Usability and accessibility are part of the same dimensions.  Yes plural.    Neither is linear.  But there are no accessible pages that are unusable and no unusable pages that are accessible.  (Note I did not use WCAG 2.0 in this sentence.  See paragraphs above and below. )

Most of the controversy and/or confusion in this area comes from people assuming something along the lines of  "WCAG 2.0 conformant mean accessible."   or   "Accessible means usable."
Many define "Accessible" as meaning "no harder than it is for people without disability".    In fact - in developing WCAG 2.0 we tried to limit ourselves to parity and not stray into usability.   It only had to be "as usable" for people with disabilities as without (or at least that was the ideal).     However, we were defining WCAG 2.0 conformance - not accessibility as an absolute.  
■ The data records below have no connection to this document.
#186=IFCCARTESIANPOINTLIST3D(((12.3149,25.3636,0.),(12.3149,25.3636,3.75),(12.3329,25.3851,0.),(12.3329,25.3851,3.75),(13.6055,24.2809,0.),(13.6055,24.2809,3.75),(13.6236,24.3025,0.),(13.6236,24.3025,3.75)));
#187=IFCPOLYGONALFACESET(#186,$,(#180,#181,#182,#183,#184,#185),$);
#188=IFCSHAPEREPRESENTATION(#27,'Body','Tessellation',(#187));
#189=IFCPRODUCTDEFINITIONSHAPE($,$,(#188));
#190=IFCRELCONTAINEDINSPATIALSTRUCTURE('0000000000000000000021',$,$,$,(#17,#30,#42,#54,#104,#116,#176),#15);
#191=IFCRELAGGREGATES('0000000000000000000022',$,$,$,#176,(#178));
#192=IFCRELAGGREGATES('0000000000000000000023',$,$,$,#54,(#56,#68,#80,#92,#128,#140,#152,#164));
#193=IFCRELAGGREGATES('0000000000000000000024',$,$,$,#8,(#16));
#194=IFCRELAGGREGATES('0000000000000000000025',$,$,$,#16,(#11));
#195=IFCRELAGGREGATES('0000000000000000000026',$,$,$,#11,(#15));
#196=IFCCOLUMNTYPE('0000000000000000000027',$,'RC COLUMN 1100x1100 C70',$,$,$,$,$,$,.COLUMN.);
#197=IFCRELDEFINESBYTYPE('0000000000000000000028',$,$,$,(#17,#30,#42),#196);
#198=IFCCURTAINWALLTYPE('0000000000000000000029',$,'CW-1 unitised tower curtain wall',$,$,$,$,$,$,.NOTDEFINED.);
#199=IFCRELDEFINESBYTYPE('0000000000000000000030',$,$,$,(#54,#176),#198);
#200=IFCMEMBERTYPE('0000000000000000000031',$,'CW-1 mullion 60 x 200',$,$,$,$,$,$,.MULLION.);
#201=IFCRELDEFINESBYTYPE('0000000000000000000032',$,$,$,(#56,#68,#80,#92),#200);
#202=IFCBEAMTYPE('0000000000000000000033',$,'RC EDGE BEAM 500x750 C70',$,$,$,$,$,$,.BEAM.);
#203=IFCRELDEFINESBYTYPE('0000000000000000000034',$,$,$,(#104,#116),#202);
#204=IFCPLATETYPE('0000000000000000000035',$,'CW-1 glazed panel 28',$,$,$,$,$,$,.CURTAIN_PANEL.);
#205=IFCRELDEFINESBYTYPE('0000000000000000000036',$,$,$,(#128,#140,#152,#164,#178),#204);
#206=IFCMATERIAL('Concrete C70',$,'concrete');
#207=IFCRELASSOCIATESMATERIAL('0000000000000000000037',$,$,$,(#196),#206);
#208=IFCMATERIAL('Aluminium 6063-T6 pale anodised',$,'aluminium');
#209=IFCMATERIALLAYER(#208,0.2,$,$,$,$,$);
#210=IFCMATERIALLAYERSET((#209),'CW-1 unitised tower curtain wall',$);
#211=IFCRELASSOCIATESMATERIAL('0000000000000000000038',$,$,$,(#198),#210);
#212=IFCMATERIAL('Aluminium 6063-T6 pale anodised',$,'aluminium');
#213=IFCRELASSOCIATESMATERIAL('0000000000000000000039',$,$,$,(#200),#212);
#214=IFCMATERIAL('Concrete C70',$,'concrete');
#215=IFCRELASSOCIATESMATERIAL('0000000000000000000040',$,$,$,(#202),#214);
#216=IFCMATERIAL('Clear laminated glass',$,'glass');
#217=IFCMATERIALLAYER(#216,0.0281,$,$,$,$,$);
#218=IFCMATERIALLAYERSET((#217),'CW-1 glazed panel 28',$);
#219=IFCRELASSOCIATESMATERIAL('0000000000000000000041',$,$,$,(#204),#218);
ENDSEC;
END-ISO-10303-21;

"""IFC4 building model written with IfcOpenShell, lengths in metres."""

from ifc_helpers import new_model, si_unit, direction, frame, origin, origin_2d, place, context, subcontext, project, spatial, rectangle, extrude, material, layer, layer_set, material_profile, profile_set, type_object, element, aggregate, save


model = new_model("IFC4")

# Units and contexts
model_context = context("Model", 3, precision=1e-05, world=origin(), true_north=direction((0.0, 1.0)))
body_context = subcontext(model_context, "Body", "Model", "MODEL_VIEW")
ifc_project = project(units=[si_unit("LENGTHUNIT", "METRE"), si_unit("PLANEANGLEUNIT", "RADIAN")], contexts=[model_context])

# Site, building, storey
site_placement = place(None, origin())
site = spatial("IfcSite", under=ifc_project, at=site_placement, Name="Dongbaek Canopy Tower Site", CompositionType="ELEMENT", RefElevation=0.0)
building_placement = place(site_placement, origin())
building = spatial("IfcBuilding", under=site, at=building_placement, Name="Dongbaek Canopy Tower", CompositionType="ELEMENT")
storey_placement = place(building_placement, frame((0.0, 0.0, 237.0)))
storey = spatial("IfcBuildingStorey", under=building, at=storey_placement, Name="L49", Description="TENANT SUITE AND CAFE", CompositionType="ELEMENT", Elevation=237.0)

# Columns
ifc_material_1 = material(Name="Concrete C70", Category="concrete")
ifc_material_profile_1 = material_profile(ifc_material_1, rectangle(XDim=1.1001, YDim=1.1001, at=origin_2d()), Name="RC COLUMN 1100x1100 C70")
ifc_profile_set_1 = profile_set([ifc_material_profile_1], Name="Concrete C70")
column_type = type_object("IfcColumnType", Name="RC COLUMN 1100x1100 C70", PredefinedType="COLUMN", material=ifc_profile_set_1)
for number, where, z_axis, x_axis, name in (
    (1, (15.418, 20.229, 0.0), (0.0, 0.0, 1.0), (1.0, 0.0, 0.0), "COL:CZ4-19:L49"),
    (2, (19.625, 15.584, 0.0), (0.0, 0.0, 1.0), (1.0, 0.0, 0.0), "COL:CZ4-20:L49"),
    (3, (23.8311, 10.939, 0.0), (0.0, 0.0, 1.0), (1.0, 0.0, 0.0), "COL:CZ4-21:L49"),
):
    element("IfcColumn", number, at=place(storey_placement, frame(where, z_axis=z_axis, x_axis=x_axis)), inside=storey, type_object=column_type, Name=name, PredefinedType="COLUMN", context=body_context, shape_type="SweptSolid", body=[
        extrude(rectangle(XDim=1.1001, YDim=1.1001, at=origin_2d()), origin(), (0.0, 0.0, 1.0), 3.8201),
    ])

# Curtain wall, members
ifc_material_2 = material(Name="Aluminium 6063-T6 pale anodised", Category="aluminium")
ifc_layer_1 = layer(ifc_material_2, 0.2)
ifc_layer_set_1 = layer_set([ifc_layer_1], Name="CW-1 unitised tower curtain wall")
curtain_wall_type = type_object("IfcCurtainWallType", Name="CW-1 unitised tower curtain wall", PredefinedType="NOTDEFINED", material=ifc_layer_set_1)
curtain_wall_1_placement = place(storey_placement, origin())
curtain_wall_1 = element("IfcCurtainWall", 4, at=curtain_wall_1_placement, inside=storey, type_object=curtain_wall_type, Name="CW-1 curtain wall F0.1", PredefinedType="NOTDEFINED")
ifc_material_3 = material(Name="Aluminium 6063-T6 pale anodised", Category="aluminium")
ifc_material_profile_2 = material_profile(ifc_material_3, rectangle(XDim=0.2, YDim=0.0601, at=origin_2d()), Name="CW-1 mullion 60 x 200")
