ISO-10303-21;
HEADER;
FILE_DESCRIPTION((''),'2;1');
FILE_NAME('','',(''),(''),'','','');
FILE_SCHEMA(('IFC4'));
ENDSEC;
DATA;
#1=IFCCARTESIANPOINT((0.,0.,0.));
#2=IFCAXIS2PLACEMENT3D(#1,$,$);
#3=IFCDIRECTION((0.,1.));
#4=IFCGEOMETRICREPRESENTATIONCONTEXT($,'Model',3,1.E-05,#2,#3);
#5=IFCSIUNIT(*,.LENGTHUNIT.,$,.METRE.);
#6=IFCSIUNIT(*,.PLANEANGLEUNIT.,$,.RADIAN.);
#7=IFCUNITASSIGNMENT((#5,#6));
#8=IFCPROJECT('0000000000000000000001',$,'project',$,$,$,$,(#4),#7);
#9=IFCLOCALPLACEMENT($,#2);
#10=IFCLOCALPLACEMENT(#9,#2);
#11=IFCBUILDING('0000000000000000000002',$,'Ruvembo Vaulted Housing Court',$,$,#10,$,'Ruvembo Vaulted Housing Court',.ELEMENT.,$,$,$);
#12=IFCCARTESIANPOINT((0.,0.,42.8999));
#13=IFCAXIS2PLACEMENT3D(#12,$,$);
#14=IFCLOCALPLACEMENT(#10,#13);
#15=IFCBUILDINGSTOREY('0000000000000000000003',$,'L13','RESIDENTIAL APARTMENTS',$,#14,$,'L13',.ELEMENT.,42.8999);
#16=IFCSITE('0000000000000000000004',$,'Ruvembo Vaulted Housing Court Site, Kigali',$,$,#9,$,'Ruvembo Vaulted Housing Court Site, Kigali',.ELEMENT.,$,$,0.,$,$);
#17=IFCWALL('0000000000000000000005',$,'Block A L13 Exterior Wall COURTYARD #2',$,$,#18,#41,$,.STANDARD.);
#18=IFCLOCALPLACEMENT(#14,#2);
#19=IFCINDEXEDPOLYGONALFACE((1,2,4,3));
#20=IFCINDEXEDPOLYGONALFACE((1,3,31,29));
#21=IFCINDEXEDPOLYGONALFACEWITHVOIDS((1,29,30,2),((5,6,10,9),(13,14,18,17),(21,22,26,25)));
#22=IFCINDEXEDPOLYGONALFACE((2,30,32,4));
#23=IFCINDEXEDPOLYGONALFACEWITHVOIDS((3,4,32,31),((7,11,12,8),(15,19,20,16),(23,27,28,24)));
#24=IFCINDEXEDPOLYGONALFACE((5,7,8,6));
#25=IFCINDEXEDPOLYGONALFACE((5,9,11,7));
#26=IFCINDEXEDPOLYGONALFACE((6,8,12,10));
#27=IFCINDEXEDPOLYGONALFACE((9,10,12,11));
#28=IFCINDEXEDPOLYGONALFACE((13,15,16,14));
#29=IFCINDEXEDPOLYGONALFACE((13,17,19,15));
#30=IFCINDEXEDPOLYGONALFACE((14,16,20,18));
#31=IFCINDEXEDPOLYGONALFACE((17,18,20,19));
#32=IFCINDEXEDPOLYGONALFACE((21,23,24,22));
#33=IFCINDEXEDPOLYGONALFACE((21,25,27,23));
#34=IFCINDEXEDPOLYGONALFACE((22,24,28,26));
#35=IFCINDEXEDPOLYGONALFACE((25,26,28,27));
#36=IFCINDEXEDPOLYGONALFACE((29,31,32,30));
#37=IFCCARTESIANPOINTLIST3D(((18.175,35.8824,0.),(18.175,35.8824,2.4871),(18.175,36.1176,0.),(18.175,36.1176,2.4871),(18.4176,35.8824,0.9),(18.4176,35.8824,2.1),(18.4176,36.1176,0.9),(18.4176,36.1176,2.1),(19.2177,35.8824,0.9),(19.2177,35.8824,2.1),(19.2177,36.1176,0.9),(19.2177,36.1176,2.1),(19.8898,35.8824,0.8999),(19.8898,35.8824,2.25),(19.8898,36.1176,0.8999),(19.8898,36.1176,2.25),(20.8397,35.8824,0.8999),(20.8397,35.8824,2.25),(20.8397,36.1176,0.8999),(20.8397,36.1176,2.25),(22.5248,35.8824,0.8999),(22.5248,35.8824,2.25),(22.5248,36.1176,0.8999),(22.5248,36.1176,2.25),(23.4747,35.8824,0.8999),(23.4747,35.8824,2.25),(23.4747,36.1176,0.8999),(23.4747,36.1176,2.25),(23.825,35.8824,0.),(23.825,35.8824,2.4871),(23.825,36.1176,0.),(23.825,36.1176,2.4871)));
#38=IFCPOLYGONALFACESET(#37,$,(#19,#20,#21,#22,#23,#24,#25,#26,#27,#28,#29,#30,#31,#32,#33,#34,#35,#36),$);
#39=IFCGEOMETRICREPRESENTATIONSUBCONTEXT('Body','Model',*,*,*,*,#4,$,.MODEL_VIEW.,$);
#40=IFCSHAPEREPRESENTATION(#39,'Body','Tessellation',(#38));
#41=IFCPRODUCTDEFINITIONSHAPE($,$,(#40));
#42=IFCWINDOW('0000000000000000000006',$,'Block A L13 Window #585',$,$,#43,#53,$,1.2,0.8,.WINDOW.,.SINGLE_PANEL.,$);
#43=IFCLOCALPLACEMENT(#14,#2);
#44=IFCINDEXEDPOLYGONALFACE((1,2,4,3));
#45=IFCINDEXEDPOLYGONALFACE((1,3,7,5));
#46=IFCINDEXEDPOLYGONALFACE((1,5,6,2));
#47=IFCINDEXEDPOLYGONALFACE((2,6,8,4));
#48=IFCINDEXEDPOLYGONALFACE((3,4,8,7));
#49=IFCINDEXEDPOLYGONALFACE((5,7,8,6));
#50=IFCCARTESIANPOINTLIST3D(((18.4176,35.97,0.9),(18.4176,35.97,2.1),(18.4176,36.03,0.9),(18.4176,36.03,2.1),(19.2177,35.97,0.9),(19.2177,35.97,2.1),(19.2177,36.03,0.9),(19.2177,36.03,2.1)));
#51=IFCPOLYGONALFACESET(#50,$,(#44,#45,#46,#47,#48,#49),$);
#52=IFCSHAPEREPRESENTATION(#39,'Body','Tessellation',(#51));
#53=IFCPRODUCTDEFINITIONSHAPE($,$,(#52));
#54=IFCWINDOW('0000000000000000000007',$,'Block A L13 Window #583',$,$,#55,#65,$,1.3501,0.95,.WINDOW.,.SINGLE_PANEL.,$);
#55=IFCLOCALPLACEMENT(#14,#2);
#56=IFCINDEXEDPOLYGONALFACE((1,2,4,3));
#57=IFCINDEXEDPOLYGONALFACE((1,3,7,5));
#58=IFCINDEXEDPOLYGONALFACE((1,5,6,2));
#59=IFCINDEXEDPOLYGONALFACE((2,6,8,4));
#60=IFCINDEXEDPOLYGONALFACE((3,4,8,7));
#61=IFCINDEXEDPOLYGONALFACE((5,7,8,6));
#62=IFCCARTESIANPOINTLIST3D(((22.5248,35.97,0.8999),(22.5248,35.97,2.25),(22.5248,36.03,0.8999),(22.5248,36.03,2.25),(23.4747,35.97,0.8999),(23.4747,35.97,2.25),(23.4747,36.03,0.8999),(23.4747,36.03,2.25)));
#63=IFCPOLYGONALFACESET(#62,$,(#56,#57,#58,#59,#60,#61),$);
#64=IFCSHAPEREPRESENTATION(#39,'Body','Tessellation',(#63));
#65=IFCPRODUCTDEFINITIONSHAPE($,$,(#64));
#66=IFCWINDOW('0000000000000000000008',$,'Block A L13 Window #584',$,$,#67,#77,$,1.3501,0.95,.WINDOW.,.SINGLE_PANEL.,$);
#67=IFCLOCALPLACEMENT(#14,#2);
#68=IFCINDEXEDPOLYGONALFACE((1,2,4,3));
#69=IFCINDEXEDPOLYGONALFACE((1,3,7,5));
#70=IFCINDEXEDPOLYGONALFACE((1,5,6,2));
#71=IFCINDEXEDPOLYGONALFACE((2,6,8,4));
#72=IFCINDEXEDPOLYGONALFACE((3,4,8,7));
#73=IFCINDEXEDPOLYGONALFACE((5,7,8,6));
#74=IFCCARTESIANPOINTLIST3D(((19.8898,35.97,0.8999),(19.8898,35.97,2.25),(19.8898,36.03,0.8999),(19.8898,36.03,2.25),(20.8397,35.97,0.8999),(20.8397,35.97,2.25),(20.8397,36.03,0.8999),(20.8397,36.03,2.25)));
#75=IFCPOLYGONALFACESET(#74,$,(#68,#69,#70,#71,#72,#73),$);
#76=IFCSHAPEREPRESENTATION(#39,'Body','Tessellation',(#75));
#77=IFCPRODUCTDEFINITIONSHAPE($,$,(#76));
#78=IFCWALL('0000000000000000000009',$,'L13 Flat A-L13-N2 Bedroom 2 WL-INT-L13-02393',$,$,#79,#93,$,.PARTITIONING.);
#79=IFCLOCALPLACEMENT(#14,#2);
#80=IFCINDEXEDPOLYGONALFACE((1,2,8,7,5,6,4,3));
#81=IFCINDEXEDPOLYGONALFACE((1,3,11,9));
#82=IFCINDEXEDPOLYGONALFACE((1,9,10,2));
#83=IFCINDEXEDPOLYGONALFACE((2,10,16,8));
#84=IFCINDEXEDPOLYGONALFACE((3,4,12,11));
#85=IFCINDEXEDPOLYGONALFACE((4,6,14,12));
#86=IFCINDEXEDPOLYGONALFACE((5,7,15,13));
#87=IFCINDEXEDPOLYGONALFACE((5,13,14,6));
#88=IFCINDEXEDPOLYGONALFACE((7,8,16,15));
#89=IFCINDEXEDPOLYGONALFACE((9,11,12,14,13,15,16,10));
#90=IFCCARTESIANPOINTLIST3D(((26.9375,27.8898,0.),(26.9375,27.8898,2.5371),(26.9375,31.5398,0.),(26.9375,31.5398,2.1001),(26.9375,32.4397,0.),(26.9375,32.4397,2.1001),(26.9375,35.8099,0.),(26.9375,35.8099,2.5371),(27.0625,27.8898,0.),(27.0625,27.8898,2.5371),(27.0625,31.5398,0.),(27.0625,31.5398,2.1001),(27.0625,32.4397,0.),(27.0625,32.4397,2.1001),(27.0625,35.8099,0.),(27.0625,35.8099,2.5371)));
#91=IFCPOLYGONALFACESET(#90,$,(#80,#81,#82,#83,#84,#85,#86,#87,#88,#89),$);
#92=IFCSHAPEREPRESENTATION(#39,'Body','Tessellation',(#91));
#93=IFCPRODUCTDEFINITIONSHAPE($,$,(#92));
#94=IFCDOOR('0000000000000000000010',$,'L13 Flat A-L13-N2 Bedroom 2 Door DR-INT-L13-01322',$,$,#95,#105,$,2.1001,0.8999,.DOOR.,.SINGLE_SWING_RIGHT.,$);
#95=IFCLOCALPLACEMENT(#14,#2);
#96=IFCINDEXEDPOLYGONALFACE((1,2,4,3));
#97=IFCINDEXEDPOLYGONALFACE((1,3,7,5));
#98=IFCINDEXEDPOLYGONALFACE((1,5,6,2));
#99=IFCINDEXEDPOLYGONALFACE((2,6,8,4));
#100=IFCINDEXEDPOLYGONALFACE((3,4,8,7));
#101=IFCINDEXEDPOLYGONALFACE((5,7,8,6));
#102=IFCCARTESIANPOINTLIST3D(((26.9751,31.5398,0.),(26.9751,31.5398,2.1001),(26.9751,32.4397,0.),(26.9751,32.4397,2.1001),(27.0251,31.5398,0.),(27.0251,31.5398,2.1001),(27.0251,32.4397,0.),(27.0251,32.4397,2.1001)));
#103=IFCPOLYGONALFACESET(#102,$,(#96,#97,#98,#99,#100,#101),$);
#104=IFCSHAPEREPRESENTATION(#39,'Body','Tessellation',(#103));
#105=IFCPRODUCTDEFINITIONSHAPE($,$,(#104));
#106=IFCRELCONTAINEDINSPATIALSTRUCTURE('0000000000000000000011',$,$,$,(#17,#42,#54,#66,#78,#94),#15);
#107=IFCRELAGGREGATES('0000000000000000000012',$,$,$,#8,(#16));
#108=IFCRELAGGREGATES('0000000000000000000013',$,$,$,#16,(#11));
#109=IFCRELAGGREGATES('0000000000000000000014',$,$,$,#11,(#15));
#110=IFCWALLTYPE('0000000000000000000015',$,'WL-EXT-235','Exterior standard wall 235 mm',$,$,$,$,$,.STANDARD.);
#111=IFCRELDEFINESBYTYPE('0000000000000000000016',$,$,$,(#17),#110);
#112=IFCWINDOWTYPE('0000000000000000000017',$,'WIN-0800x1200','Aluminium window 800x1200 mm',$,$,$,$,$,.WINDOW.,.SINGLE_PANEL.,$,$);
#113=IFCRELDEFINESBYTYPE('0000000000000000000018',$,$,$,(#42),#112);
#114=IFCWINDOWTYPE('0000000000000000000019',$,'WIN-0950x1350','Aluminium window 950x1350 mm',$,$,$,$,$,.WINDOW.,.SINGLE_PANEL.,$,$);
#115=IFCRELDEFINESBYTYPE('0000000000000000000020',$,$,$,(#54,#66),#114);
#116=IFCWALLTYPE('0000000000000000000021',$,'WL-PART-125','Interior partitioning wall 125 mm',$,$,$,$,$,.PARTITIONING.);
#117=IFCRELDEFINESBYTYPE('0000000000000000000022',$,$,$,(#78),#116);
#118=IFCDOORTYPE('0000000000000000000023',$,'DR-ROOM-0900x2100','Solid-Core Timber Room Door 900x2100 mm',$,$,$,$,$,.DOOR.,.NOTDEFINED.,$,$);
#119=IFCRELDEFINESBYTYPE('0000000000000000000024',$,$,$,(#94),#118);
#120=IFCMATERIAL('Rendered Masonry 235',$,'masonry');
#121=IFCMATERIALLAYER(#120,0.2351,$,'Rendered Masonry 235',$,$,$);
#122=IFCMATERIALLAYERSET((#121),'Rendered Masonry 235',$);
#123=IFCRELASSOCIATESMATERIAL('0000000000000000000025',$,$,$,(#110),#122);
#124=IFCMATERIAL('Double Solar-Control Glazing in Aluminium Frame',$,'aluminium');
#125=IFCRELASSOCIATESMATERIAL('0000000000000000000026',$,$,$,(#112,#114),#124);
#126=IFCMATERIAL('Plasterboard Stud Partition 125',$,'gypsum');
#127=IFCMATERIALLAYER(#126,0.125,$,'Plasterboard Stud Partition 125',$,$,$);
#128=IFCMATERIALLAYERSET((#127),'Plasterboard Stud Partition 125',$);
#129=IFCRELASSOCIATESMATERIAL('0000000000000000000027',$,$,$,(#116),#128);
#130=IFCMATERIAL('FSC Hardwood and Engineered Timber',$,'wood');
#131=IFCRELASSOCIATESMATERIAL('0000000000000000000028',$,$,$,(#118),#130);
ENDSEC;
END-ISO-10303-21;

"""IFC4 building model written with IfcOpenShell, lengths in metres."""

from ifc_helpers import new_model, si_unit, direction, frame, frame_2d, origin, place, context, subcontext, project, spatial, rectangle, extrude, material, layer, layer_set, type_object, element, fill, save


model = new_model("IFC4")

# Units and contexts
model_context = context("Model", 3, precision=1e-05, world=origin(), true_north=direction((0.0, 1.0)))
body_context = subcontext(model_context, "Body", "Model", "MODEL_VIEW")
ifc_project = project(units=[si_unit("LENGTHUNIT", "METRE"), si_unit("PLANEANGLEUNIT", "RADIAN")], contexts=[model_context])

# Site, building, storey
site_placement = place(None, origin())
site = spatial("IfcSite", under=ifc_project, at=site_placement, Name="Ruvembo Vaulted Housing Court Site, Kigali", LongName="Ruvembo Vaulted Housing Court Site, Kigali", CompositionType="ELEMENT", RefElevation=0.0)
building_placement = place(site_placement, origin())
building = spatial("IfcBuilding", under=site, at=building_placement, Name="Ruvembo Vaulted Housing Court", LongName="Ruvembo Vaulted Housing Court", CompositionType="ELEMENT")
storey_placement = place(building_placement, frame((0.0, 0.0, 42.8999)))
storey = spatial("IfcBuildingStorey", under=building, at=storey_placement, Name="L13", Description="RESIDENTIAL APARTMENTS", LongName="L13", CompositionType="ELEMENT", Elevation=42.8999)

# Wall, openings, windows
ifc_material_1 = material(Name="Rendered Masonry 235", Category="masonry")
ifc_layer_1 = layer(ifc_material_1, 0.2351, Name="Rendered Masonry 235")
ifc_layer_set_1 = layer_set([ifc_layer_1], Name="Rendered Masonry 235")
wall_type_1 = type_object("IfcWallType", Name="WL-EXT-235", Description="Exterior standard wall 235 mm", PredefinedType="STANDARD", material=ifc_layer_set_1)
ifc_material_2 = material(Name="Double Solar-Control Glazing in Aluminium Frame", Category="aluminium")
wall_1_placement = place(storey_placement, frame((23.825, 36.0, 0.0), z_axis=(0.0, 0.0, 1.0), x_axis=(-1.0, 0.0, 0.0)))
wall_1 = element("IfcWall", 1, at=wall_1_placement, inside=storey, type_object=wall_type_1, Name="Block A L13 Exterior Wall COURTYARD #2", PredefinedType="STANDARD", context=body_context, shape_type="SweptSolid", body=[
    extrude(rectangle(XDim=5.6499, YDim=0.2351, at=frame_2d((2.825, 0.0))), origin(), (0.0, 0.0, 1.0), 2.4871),
])
opening_1_placement = place(wall_1_placement, frame((0.3501, 0.0, 0.8999)))
opening_1 = element("IfcOpeningElement", 2, at=opening_1_placement, cuts=wall_1, PredefinedType="OPENING", context=body_context, shape_type="SweptSolid", body=[
    extrude(rectangle(XDim=0.95, YDim=1.3501, at=frame_2d((0.4751, 0.675))), frame((0.0, 0.1274, 0.0), z_axis=(0.0, -1.0, 0.0), x_axis=(1.0, 0.0, 0.0)), (0.0, 0.0, 1.0), 0.2551),
])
It is too bad that we see studies that say WCAG 2.0 is not good because conformance does not render pages that are unusable (or quite unusable ) to everyone as being usable to people with disabilities.      WCAG 2.0 does not render pages usable.  It does not even render pages accessible.    It does provide an objective minimum standard for accessibility (here meaning a minimum objective standard for comparable usability) (at 3 levels) that was developed through international participation, input and review, that, when followed, will provide a substantial level of accessibility when used with effective user agents, and for some, effective assistive technologies.    For others it is not sufficient to provide accessibility - (though with better assistive technologies it will over time provide increasing levels of accessibility to increasing numbers of people with different types, degrees and combinations of disability --  people who are not well served by WCAG 2.0 and assistive technologies today.) 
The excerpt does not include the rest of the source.